Une personne apparaît avec un drapeau tibétain, et Jin Jing se crispe. Sur un autre cliché, un manifestant se fait menaçant. La jeune femme protège la flamme en la plaçant sur le côté, avant qu’un policier français n’intercepte le manifestant. Puis un jeune homme, en apparence tibétain, avec un bonnet aux couleurs du Tibet libre, s’agrippe à la flamme, soulevant Jin Jing de son fauteuil, coincé entre une voiture et un véhicule de gendarmerie. A chaque offensive, Jin Jing, les yeux pleins d’effroi, mais résolue, s’accroche à la flamme. Puis, en gros plan, une autre photo montre son visage les yeux fermés, la flamme contre sa poitrine, éteinte. Enfin, la jeune fille brandit le trophée, apaisée - à la fin de son parcours, probablement, si l’on en croit l’ordre des clichés.
Dans ce que les sites Internet reflètent de l’opinion publique, l’émotion est forte : on la compare à un « ange sur un fauteuil roulant », on la qualifie d’« héroïne ». Très vite, les internautes ont aussi montré une photo du principal agresseur de Jin Jing, puis son visage en gros plan, accompagné de la mention « Wanted ». En quelques jours, des internautes ont réussi à l’identifier : ils donnent son nom et son adresse, à Salt Lake City, dans l’Utah. Sur un autre message apparaît la photo de l’entrée de son domicile, sa localisation sur Google Earth, ainsi que la société américaine pour laquelle il travaillerait, et toutes ses adresses e-mail. Le jeune homme se serait déjà, auparavant, fait remarquer à Londres, où la police l’aurait détenu momentanément après qu’il s’en était pris à l’un des porteurs de la torche.

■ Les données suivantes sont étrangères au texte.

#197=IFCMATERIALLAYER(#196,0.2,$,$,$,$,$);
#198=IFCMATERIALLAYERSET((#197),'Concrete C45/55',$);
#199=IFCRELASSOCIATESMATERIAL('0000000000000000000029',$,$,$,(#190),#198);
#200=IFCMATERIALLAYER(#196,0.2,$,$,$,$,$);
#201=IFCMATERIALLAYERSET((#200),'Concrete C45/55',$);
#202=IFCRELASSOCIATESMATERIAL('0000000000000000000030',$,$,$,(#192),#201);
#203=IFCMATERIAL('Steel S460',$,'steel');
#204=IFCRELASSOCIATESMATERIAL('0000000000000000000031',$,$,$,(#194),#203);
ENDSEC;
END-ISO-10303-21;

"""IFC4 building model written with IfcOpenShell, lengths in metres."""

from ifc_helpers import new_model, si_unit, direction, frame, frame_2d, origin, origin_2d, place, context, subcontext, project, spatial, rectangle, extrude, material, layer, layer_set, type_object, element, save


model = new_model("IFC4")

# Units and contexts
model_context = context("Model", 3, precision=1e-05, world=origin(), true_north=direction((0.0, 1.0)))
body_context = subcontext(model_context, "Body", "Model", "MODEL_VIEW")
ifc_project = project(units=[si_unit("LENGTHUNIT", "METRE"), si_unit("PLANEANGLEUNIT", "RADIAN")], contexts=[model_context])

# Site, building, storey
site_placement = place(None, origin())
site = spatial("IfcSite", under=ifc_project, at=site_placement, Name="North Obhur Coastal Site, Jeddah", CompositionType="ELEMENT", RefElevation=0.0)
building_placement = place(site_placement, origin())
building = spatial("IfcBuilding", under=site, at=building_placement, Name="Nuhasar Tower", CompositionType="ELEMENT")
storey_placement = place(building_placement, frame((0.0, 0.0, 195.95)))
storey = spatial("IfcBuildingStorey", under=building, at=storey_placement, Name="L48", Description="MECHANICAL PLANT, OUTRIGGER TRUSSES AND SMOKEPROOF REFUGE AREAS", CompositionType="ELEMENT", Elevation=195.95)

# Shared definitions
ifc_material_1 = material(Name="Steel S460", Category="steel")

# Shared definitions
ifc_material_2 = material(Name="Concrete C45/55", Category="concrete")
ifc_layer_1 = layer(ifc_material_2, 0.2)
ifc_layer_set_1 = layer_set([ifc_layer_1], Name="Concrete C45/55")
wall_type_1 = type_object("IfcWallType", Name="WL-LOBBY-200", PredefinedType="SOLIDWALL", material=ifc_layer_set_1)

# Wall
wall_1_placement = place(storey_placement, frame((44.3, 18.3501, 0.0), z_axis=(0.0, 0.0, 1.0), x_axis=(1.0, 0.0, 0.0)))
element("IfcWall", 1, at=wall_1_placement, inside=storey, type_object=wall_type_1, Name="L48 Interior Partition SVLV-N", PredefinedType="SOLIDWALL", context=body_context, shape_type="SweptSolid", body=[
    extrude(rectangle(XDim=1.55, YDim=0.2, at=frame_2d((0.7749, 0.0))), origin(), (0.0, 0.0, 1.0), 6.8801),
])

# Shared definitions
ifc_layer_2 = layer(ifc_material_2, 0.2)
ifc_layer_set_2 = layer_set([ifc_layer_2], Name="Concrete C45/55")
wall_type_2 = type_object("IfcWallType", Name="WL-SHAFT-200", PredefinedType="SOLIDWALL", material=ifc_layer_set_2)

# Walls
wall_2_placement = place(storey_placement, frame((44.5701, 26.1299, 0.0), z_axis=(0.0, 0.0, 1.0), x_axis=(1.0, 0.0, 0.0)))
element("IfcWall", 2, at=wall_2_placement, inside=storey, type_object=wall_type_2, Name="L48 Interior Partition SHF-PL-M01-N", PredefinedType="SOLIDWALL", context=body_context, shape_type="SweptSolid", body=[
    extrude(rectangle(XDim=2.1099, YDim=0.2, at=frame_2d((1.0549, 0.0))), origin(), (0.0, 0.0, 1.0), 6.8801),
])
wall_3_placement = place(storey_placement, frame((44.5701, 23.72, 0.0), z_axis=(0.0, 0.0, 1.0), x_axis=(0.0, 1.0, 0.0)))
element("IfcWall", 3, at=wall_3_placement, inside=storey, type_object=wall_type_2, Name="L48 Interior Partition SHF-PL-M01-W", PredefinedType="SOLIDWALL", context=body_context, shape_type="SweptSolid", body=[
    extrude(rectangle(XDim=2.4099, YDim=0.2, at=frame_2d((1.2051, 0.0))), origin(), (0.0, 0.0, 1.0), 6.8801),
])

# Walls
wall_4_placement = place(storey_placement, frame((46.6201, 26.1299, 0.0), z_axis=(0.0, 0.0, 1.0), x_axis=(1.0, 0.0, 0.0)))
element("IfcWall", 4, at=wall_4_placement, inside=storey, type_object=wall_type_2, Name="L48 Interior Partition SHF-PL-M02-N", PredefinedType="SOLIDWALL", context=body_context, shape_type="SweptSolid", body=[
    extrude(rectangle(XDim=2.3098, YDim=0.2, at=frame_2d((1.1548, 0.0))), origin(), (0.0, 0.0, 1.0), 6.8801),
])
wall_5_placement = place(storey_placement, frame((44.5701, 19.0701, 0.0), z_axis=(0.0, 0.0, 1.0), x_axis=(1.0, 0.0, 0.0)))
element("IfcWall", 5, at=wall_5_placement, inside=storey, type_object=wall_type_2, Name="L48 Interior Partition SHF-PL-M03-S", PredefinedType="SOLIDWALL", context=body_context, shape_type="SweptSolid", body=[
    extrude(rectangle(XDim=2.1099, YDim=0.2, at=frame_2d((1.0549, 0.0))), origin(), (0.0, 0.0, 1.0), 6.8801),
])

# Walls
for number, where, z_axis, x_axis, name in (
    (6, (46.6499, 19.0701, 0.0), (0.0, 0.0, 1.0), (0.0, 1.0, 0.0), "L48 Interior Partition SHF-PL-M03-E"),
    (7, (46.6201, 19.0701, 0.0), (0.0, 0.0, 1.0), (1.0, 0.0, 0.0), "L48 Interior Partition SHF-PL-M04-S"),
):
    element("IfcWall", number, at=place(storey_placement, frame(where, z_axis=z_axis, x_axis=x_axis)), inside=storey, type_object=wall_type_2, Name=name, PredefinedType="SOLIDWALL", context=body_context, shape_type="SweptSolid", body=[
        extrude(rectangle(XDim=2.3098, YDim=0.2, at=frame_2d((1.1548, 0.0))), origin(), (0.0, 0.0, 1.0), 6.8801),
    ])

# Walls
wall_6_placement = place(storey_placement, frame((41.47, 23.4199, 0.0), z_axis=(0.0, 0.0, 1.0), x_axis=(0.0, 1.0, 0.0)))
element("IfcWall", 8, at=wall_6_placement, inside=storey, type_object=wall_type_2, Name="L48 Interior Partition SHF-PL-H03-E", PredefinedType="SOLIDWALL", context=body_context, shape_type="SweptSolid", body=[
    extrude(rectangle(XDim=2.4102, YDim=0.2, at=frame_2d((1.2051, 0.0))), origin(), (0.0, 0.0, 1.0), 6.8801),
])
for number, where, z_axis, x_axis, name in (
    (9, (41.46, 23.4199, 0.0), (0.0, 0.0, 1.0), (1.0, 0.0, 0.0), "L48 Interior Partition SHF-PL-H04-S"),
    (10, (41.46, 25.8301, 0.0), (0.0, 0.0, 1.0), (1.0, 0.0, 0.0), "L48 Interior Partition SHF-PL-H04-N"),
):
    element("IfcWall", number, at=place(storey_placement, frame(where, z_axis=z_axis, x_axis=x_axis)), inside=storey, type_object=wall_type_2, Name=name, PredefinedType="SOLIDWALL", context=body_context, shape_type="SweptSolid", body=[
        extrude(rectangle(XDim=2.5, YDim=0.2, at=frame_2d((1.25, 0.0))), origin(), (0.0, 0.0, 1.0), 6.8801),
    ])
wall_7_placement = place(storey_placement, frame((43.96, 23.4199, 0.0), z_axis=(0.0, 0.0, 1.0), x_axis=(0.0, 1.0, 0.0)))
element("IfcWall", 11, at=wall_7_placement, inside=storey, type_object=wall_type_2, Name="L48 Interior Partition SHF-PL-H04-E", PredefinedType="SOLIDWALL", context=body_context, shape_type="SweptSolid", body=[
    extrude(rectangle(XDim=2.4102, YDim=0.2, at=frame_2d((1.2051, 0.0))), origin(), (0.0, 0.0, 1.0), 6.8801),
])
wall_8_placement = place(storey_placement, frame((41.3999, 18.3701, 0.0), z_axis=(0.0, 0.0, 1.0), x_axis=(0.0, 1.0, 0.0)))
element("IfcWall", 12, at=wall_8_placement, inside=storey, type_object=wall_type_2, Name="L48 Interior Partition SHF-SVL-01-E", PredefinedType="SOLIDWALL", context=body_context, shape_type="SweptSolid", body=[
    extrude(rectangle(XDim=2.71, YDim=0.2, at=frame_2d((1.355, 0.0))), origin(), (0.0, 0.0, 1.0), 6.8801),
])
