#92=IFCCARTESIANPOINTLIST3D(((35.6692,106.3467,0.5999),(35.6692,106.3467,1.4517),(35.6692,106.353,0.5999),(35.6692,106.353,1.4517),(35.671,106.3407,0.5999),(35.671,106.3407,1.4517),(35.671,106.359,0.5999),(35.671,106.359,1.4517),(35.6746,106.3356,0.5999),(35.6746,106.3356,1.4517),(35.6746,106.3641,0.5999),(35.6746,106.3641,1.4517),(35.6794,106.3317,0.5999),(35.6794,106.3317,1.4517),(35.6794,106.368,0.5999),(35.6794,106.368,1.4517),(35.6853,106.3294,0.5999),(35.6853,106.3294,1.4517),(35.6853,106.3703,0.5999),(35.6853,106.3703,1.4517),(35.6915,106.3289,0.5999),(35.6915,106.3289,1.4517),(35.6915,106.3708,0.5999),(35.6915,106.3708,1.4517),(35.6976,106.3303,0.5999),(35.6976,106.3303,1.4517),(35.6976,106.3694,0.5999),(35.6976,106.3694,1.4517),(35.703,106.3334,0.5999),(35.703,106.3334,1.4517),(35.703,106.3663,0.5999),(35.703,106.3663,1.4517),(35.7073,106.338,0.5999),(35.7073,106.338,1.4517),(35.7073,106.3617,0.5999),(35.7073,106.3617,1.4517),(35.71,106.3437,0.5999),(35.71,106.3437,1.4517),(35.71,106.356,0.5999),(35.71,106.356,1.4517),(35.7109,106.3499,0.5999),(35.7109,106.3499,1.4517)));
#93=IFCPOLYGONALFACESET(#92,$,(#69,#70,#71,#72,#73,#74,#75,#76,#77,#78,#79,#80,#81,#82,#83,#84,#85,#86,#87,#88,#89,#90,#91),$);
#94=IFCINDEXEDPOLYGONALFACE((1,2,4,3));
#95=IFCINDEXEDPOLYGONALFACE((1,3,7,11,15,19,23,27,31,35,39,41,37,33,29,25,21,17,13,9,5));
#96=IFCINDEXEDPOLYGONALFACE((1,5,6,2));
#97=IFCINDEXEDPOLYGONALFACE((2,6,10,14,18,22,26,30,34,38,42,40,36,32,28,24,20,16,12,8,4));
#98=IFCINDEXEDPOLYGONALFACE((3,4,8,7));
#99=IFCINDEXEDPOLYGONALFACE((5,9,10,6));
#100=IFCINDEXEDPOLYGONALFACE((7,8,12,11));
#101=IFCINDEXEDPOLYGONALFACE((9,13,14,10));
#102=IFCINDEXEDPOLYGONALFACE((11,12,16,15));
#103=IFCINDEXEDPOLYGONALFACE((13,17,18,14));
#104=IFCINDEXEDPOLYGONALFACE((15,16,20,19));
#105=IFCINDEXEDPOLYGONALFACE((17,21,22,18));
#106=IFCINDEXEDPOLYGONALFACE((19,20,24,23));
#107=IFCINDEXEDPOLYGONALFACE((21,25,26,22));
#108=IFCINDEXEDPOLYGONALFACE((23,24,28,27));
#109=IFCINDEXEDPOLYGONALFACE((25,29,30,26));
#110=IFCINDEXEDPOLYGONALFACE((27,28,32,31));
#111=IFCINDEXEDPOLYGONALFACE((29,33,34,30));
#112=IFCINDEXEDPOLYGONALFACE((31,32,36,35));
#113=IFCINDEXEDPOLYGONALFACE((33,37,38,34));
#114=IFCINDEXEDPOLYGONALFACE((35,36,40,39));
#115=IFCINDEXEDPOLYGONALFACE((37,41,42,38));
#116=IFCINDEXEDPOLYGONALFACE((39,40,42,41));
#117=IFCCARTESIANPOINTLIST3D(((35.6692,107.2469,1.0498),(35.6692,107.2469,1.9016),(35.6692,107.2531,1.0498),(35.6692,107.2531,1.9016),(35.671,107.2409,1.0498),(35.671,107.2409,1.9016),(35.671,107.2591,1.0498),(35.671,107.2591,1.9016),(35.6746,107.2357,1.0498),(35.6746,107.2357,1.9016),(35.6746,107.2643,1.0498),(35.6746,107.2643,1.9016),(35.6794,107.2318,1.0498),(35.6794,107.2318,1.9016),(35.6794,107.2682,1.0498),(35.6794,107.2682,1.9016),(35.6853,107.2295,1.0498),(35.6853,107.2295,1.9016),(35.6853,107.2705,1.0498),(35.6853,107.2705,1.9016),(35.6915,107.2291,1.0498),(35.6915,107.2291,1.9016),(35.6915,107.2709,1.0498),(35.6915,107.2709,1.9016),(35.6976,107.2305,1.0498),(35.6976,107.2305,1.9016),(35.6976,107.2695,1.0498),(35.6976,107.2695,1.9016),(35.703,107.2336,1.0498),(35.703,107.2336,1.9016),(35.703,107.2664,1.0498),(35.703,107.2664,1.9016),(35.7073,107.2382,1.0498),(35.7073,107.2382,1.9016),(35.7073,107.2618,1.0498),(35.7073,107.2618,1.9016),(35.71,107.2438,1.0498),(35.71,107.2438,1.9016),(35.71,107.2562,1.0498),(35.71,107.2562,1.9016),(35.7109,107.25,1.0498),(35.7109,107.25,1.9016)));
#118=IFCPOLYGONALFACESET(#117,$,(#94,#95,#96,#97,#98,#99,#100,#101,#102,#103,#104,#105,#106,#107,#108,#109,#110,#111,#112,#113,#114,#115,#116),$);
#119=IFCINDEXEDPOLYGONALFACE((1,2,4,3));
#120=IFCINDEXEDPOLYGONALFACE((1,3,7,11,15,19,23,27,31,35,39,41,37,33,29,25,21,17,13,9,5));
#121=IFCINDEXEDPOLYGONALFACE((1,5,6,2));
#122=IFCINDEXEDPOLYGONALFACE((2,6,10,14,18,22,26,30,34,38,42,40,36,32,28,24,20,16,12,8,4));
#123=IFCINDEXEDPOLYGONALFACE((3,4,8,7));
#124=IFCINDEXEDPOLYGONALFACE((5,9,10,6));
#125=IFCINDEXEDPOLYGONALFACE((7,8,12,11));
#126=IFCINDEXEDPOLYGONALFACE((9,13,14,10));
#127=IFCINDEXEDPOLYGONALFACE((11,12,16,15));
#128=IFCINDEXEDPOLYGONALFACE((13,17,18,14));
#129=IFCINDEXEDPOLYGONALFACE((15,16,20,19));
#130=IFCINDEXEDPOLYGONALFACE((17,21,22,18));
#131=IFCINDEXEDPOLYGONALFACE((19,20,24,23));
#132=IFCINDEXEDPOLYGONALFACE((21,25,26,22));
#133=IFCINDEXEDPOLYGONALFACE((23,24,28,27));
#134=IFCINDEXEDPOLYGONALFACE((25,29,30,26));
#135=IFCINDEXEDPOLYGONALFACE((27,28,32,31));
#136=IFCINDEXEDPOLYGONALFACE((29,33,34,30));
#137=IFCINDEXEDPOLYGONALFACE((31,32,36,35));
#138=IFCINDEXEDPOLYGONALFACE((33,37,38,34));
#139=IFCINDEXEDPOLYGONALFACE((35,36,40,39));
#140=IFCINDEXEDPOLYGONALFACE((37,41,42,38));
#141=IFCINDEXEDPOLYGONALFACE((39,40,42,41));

Vendredi 11 avril, l’agence Xinhua et nombre de médias ont repris l’une des photos de l’épreuve traversée par Jin Jing, dans un éditorial intitulé « Paris se donne une claque ». Les médias français qui ont titré sur le « fiasco » du passage de la flamme et la « claque donnée à la Chine » y sont tancés. « Certains médias français prétendent que Paris est une ville libre et que tout le monde a le droit de se rassembler et de manifester sans intervention du gouvernement... », explique un long éditorial de l’agence.
Et de poursuivre : « Les actions de certains extrémistes qui ont attaqué les porteurs de la flamme ne peuvent plus être considérées comme légales ou non violentes... Les Chinois ont été profondément perturbés et blessés par la scène chaotique durant laquelle un extrémiste a tenté d’arracher la torche à une jeune Chinoise handicapée et sans défense... Est-ce ça, le comportement civique du gouvernement français ? La gifle est-elle pour la Chine, ou pour la France ? »
En conclusion l’éditorial rappelle que la traduction en chinois de France, Faguo, signifie le « pays de la loi », mais que « reporters, journalistes et hommes de loi y ont perdu la capacité de séparer le bien du mal ».